Raising the productivity of service work is the first social responsibility of management.
The need to raise the productivity of service work is a social priority in developed countries. Unless it is met, the developed world faces increasing social tensions, increasing polarization, increasing radicalization. It may increasingly face a new class war. Unless the productivity of service work is rapidly improved, both the social and economic position of a large class—as large a group as people making the moving things ever were at their peak—must steadily go down. Real incomes cannot for any length of time be higher than productivity. The service workers may use their numerical strength to get higher wages than their economic contribution justifies. But this only impoverishes all of society with everybody’s real income going down and unemployment going up. Or the incomes of the unskilled workers are allowed to go down in relation to the steadily raising wages of the affluent knowledge workers, with an increasing gulf between the two groups, an increasing polarization into classes. In either case the service workers must become alienated, increasingly bitter, increasingly see themselves as a class apart.
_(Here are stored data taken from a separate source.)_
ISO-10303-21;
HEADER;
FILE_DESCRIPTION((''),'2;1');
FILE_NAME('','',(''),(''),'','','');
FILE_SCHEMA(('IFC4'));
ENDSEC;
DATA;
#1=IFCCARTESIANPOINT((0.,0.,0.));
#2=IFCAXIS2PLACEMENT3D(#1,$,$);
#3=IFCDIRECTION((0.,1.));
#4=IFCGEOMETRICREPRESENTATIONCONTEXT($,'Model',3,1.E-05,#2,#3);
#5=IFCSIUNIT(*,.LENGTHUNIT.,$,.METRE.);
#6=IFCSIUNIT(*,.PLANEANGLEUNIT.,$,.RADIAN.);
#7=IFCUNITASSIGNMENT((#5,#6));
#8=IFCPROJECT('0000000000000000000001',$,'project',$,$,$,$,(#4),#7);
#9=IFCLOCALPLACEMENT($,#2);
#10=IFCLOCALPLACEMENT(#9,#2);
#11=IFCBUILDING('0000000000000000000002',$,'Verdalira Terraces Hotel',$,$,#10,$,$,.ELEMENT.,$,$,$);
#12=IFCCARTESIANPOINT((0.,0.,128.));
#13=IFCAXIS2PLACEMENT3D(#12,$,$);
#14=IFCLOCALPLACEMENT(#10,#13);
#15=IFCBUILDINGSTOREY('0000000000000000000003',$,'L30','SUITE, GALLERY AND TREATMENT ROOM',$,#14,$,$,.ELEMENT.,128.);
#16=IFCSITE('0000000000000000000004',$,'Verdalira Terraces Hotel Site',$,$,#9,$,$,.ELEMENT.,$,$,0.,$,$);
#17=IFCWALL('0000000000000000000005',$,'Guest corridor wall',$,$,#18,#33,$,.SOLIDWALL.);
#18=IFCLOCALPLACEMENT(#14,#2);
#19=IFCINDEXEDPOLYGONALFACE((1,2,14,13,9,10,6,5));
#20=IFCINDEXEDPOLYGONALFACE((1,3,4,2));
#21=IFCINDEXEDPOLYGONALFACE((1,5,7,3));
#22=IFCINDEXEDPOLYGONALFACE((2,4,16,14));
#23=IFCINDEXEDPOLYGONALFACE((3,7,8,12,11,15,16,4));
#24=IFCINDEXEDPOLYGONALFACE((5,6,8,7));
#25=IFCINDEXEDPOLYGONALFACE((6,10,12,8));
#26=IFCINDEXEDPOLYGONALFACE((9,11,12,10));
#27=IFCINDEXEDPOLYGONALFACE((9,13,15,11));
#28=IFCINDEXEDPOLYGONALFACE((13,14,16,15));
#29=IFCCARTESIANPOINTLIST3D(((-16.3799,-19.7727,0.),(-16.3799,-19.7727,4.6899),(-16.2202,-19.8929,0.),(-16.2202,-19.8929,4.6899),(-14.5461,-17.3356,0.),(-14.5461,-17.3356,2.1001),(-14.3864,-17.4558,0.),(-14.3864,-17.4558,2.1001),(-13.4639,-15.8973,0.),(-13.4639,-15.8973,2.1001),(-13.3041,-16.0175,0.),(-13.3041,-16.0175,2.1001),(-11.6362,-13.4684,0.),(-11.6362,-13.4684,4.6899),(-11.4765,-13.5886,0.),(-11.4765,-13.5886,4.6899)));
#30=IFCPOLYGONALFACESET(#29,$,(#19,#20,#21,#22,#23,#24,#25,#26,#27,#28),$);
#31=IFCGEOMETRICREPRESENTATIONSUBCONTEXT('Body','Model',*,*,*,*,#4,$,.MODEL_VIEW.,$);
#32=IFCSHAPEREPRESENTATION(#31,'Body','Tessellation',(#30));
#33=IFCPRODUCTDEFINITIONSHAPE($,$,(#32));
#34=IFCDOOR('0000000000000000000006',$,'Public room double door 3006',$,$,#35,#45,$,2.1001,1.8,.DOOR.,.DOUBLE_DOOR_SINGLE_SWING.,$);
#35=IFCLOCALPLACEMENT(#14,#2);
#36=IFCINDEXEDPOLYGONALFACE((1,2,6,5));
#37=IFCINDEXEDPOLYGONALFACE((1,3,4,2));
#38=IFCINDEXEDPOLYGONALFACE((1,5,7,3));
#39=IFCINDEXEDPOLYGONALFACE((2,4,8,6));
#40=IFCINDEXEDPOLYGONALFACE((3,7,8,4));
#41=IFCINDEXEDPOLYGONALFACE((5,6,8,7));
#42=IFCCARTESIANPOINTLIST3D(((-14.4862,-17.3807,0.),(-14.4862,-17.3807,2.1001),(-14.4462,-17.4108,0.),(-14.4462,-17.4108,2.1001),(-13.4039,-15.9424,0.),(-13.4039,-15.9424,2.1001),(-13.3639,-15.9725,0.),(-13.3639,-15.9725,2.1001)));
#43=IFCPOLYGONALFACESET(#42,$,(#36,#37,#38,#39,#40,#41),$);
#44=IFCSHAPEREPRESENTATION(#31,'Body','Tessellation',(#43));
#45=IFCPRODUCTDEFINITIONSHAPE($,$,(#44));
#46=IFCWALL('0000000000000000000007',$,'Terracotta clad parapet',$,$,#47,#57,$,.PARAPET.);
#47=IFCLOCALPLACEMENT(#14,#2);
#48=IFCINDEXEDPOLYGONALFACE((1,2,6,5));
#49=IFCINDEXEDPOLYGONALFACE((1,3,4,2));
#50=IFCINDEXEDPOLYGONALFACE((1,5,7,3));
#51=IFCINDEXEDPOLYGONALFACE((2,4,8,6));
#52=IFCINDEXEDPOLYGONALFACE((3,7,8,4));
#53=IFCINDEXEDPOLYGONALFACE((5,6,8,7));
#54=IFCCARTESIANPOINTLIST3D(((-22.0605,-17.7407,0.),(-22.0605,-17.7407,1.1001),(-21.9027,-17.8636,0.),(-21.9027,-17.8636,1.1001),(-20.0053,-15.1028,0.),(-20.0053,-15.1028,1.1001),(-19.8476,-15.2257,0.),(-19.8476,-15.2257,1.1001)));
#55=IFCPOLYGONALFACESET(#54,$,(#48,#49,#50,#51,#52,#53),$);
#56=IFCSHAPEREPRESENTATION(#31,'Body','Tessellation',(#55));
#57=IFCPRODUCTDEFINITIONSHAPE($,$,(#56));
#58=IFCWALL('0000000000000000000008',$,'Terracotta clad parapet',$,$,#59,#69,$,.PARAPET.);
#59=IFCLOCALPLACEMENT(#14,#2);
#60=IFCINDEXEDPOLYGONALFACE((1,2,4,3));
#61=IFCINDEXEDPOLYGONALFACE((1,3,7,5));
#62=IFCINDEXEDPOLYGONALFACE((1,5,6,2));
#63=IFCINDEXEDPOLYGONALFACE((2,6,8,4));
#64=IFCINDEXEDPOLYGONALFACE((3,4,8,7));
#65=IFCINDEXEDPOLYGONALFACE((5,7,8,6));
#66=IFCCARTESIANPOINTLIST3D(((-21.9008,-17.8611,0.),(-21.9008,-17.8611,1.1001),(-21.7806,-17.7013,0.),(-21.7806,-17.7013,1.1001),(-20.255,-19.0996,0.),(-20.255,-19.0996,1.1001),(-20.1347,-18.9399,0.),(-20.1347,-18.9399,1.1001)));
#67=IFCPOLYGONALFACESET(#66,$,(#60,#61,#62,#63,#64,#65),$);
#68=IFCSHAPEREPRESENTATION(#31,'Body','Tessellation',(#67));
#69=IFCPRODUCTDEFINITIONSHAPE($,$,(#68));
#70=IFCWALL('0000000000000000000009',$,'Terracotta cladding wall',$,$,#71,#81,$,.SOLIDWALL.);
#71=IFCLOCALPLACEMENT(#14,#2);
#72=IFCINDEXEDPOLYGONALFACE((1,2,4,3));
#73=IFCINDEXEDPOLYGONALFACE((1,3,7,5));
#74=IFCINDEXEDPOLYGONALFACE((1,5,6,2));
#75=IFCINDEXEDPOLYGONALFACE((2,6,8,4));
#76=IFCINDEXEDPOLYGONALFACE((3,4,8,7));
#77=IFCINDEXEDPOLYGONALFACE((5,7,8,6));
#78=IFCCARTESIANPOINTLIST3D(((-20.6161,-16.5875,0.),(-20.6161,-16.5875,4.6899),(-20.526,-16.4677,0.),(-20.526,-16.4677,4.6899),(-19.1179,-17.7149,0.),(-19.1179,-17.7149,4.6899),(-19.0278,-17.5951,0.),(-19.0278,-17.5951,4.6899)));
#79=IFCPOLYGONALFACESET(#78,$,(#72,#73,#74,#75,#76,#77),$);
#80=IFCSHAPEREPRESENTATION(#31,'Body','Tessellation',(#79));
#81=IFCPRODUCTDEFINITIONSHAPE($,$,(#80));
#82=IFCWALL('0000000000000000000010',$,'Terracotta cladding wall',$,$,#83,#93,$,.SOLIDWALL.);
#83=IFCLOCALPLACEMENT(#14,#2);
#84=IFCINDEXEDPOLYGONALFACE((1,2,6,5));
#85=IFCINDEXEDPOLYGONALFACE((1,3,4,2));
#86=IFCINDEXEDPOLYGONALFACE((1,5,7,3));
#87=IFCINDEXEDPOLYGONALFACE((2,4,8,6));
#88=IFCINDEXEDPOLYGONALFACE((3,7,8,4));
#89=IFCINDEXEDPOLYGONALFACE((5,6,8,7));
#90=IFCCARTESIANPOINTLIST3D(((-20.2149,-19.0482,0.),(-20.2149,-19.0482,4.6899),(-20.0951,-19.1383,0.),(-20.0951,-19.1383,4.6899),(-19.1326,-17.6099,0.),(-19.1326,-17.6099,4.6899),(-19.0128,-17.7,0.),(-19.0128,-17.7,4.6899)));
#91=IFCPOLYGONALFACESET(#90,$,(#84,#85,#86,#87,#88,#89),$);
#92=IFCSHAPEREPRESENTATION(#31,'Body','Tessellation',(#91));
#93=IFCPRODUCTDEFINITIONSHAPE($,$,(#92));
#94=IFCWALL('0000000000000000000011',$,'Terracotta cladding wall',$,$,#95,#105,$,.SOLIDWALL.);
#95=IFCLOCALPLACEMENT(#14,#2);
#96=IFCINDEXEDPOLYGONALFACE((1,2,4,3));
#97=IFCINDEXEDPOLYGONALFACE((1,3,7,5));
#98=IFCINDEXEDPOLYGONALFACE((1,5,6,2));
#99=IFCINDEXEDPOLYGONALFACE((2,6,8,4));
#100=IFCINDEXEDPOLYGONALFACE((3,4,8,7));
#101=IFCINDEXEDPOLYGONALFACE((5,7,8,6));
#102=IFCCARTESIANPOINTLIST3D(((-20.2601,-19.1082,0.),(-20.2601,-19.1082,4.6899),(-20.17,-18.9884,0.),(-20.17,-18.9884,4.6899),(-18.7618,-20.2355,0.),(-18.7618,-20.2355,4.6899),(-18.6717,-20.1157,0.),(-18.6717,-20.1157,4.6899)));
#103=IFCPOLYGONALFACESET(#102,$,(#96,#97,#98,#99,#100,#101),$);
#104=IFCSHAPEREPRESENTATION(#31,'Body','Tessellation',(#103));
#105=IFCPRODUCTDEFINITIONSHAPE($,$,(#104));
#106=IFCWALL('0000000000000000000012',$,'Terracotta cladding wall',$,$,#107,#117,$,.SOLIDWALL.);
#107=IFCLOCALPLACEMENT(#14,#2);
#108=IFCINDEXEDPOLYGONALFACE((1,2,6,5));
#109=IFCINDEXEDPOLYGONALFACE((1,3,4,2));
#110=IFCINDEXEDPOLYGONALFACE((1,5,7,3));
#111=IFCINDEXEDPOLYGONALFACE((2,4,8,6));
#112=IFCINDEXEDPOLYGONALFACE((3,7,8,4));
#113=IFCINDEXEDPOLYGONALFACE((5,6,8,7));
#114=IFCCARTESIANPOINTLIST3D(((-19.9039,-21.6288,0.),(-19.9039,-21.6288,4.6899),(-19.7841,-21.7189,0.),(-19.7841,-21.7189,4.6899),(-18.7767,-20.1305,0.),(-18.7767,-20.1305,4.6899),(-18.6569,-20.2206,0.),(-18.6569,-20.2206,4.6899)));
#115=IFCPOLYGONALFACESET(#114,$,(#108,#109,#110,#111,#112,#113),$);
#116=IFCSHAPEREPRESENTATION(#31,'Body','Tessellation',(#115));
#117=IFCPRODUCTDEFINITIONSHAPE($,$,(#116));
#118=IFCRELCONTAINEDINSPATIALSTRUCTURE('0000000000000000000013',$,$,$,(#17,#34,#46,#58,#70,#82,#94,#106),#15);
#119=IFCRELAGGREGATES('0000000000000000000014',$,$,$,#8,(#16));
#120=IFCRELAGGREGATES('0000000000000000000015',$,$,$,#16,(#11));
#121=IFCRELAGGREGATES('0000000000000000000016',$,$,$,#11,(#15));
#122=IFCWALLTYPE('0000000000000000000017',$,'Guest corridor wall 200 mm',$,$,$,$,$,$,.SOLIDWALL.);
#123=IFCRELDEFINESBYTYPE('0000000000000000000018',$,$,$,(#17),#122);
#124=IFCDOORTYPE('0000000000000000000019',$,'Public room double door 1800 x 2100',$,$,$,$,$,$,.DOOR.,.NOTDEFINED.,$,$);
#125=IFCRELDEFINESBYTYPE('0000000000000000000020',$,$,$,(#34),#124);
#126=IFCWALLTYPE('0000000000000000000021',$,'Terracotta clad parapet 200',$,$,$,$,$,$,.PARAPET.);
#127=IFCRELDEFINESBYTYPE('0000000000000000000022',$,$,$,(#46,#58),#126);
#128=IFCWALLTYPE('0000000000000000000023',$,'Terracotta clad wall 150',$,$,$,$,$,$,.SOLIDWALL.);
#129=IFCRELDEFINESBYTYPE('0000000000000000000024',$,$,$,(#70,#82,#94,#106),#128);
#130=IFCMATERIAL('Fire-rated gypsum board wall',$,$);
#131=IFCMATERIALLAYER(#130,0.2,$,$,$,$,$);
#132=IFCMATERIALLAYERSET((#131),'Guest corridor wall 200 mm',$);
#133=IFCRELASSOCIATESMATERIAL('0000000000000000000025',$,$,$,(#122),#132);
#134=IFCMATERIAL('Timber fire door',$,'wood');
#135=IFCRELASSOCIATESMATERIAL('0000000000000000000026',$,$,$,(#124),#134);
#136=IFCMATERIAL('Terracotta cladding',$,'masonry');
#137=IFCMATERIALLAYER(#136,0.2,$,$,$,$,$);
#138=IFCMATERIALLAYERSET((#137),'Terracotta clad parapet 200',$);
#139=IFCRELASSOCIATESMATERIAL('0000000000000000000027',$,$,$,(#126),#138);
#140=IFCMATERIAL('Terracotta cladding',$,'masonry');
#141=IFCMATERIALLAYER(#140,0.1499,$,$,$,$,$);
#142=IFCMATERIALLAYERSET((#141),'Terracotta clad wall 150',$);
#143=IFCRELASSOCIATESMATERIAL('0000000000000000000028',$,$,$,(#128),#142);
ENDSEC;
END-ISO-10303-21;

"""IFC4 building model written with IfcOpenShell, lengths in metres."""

from ifc_helpers import new_model, si_unit, direction, frame, frame_2d, origin, place, context, subcontext, project, spatial, rectangle, extrude, material, layer, layer_set, type_object, element, fill, save


model = new_model("IFC4")

# Units and contexts
model_context = context("Model", 3, precision=1e-05, world=origin(), true_north=direction((0.0, 1.0)))
body_context = subcontext(model_context, "Body", "Model", "MODEL_VIEW")
ifc_project = project(units=[si_unit("LENGTHUNIT", "METRE"), si_unit("PLANEANGLEUNIT", "RADIAN")], contexts=[model_context])

# Site, building, storey
site_placement = place(None, origin())
site = spatial("IfcSite", under=ifc_project, at=site_placement, Name="Verdalira Terraces Hotel Site", CompositionType="ELEMENT", RefElevation=0.0)
building_placement = place(site_placement, origin())
building = spatial("IfcBuilding", under=site, at=building_placement, Name="Verdalira Terraces Hotel", CompositionType="ELEMENT")
storey_placement = place(building_placement, frame((0.0, 0.0, 128.0)))
storey = spatial("IfcBuildingStorey", under=building, at=storey_placement, Name="L30", Description="SUITE, GALLERY AND TREATMENT ROOM", CompositionType="ELEMENT", Elevation=128.0)

# Wall, opening, door
ifc_material_1 = material(Name="Fire-rated gypsum board wall")
ifc_layer_1 = layer(ifc_material_1, 0.2)
ifc_layer_set_1 = layer_set([ifc_layer_1], Name="Guest corridor wall 200 mm")
wall_type_1 = type_object("IfcWallType", Name="Guest corridor wall 200 mm", PredefinedType="SOLIDWALL", material=ifc_layer_set_1)
wall_1_placement = place(storey_placement, frame((-16.3, -19.8328, 0.0), z_axis=(0.0, 0.0, 1.0), x_axis=(0.601257, 0.799056, 0.0)))
wall_1 = element("IfcWall", 1, at=wall_1_placement, inside=storey, type_object=wall_type_1, Name="Guest corridor wall", PredefinedType="SOLIDWALL", context=body_context, shape_type="SweptSolid", body=[
    extrude(rectangle(XDim=7.8896, YDim=0.2, at=frame_2d((3.9448, 0.0))), origin(), (0.0, 0.0, 1.0), 4.6899),
])
opening_placement = place(wall_1_placement, frame((3.05, 0.0, 0.0)))
opening = element("IfcOpeningElement", 2, at=opening_placement, cuts=wall_1, PredefinedType="OPENING", context=body_context, shape_type="SweptSolid", body=[
    extrude(rectangle(XDim=1.8, YDim=2.1001, at=frame_2d((0.8999, 1.05))), frame((0.0, 0.1099, 0.0), z_axis=(0.0, -1.0, 0.0), x_axis=(1.0, 0.0, 0.0)), (0.0, 0.0, 1.0), 0.22),
])
ifc_material_2 = material(Name="Timber fire door", Category="wood")
door_type = type_object("IfcDoorType", Name="Public room double door 1800 x 2100", OperationType="NOTDEFINED", PredefinedType="DOOR", material=ifc_material_2)
door_placement = place(opening_placement, origin())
We know how to raise service work productivity. This is production work and what we have learned during the past hundred years about increasing productivity applies to such work with minimum adaptation. The task is known and doable, but the urgency is great. It is, in fact, the first social responsibility of management in the knowledge society.
ACTION POINT: Set annual targets for raising the productivity of your service staff. Reward those who are successful in meeting these new targets.